Ex-procurador do Incra denuncia pagamentos milionários
O relato feito pelo ex-procurador regional do Incra em Minas Gerais, Ivan Sebastião Barbosa Afonso, sobre fazendas de...
27/11/1997 - 03:35Ex-procurador do Incra denuncia pagamentos milionários
O relato feito pelo ex-procurador regional do Incra em Minas Gerais, Ivan
Sebastião Barbosa Afonso, sobre fazendas desapropriadas com indenizações
milionárias, superiores em até 30 vezes o valor avaliado, deixou perplexos,
nesta quarta-feira (26), deputados e visitantes que participaram da reunião da
Comissão de Política Agropecuária e Agroindustrial da Assembléia. Essas
denúncias teriam motivado o afastamento de Ivan Barbosa do cargo. Todo esse
episódio levou o deputado Adelmo Carneiro Leão (PT) a formular o requerimento
que deu origem à reunião, que teve ainda a presença do superintendente
regional do Incra, Melchior Augusto de Melo, que pôs o seu cargo à diposição
após o afastamento do procurador.
O ex-procurador Ivan Barbosa fez uma exposição emocionada dos seus
compromissos, como procurador, com a reforma agrária, que, segundo ele,
tornou-se uma aspiração de toda a sociedade. Disse que a propriedade da terra
é uma concessão da sociedade para um proprietário e que esse título implica
obrigações para com a sociedade. Quando essas obrigações, como a de fornecer
alimento e desenvolvimento para a região, não são cumpridas, a sociedade não
deve ser obrigada a tolerar essa relação. No Brasil, disse ele, acontece o
contrário. O dono da terra é que se julga detentor de todos os direitos.

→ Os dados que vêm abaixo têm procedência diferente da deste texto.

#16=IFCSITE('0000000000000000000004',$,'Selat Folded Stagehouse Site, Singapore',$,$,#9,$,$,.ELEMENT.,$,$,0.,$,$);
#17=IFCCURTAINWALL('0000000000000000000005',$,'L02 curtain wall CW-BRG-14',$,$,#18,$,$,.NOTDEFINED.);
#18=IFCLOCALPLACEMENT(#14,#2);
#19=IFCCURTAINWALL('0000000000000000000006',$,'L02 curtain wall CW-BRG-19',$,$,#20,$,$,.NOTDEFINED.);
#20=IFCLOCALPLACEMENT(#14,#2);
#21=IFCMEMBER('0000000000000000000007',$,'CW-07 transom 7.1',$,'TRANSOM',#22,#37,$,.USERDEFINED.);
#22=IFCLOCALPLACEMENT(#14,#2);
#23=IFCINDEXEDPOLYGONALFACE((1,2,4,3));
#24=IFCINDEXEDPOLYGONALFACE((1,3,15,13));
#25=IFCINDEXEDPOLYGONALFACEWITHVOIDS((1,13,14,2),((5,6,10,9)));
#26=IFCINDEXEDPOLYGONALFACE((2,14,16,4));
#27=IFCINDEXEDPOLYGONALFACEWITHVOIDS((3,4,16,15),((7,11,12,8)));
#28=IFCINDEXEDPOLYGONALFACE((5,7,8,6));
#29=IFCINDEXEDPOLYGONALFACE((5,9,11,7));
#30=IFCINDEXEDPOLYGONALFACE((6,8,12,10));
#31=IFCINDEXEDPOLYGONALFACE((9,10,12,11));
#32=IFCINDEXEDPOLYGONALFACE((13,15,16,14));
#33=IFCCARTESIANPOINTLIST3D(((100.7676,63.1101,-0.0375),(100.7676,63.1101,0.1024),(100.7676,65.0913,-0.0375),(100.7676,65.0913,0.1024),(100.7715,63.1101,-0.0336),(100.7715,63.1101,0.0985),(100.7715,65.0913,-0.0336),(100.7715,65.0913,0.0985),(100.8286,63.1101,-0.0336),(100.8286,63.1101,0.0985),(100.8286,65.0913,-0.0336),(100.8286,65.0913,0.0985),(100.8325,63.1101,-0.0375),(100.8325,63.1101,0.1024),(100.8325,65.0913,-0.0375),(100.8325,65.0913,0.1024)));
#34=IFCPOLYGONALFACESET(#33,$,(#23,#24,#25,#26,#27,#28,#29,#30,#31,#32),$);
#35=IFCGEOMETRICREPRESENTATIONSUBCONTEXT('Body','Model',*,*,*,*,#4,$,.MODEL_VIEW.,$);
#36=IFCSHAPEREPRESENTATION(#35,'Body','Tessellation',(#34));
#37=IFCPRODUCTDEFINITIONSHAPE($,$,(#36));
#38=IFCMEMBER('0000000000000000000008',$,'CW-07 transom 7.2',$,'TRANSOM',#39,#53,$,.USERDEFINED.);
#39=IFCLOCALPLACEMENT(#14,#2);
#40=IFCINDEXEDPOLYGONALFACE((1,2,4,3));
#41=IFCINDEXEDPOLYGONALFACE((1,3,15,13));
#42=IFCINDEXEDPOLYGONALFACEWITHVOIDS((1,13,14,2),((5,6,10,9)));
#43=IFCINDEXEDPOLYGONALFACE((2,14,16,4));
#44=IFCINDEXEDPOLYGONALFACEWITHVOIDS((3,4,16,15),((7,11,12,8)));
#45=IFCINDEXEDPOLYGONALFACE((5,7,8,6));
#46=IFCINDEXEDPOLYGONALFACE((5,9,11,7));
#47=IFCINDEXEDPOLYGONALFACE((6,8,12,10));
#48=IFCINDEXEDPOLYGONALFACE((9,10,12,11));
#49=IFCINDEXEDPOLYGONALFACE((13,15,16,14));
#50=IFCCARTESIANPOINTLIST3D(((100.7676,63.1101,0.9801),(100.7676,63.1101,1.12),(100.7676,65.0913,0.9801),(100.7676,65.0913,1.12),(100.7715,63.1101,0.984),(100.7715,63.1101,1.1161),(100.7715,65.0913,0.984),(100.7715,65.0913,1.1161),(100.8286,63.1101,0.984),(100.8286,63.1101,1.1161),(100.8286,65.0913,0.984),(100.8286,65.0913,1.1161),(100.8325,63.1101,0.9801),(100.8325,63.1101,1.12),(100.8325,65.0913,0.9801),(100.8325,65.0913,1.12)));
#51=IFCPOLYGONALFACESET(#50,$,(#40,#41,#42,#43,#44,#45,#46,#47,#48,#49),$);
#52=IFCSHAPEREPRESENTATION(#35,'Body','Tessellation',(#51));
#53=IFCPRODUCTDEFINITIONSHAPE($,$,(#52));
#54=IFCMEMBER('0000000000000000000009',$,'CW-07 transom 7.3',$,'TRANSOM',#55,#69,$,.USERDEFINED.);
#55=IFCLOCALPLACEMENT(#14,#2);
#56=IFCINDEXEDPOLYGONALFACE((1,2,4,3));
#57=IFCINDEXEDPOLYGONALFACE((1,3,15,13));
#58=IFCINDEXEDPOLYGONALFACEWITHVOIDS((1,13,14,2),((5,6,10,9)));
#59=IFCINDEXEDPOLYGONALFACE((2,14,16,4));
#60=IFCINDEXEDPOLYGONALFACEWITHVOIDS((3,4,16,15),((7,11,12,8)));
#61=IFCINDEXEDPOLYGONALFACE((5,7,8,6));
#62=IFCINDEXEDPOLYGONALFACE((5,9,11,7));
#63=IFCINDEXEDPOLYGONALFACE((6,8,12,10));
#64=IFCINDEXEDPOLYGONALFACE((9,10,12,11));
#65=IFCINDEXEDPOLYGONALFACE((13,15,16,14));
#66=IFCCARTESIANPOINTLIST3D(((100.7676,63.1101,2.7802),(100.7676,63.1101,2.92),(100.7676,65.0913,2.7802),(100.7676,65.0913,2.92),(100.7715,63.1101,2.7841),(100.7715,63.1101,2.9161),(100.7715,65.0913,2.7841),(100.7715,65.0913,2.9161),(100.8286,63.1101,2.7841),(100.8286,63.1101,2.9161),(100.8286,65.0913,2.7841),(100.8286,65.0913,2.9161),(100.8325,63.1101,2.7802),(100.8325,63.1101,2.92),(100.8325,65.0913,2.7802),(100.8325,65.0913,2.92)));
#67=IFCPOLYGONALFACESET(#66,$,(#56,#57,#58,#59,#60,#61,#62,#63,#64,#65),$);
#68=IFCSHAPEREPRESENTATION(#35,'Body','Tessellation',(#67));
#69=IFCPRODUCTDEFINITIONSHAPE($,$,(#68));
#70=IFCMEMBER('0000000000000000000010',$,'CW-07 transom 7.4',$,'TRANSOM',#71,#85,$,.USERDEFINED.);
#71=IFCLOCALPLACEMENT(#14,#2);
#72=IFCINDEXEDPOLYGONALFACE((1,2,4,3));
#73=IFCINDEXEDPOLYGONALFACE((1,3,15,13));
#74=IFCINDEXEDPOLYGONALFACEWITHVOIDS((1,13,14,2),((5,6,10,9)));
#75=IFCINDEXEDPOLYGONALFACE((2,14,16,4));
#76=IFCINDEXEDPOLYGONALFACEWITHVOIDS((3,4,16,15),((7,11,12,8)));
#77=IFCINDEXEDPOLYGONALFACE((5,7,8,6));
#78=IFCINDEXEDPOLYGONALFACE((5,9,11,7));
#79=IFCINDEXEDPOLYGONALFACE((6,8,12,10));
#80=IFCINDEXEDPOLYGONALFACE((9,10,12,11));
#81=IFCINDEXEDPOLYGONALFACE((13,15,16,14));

Função implica resistência contra latifúndios
O ex-procurador lembrou que sua função implicava uma série de
"conjugações de atores e fatores" e uma resistência contra os latifúndios.
Essa resistência deve se dar no campo jurídico, destacou Ivan Barbosa,
garantindo que o Incra de Minas Gerais é um dos poucos que cumprem seu papel
de intermediador de conflitos, tendo como objetivo encontrar soluções
jurídicas adequadas a cada caso. "É no Judiciário que o Incra encontra a sua
força", disse ele, acrescentando que esta é a maneira de se construir uma
reforma agrária democrática.
Ivan Barbosa disse também que Minas Gerais é o único Estado que vem
aplicando a lei do rito sumário, que torna mais ágil o processo de reforma
agrária, ao permitir em poucos dias a emissão liminar da posse da terra,
transferindo a titularidade para o órgão expropriante: o Incra. Este mesmo
artifício legal dá ao juiz a possibilidade de designar audiência de
conciliação, para que se faça um acordo, democrático de fato, e sem as
supervalorizações da terra. A ausência do rito sumário, pela demora que impõe
aos processos, decorrente da estrutura do Poder Judiciário, acaba elevando os
custos da propriedade, em função de juros de mora, honorários advocatícios e
outros dispositivos que são usados para aumentar os valores da terra.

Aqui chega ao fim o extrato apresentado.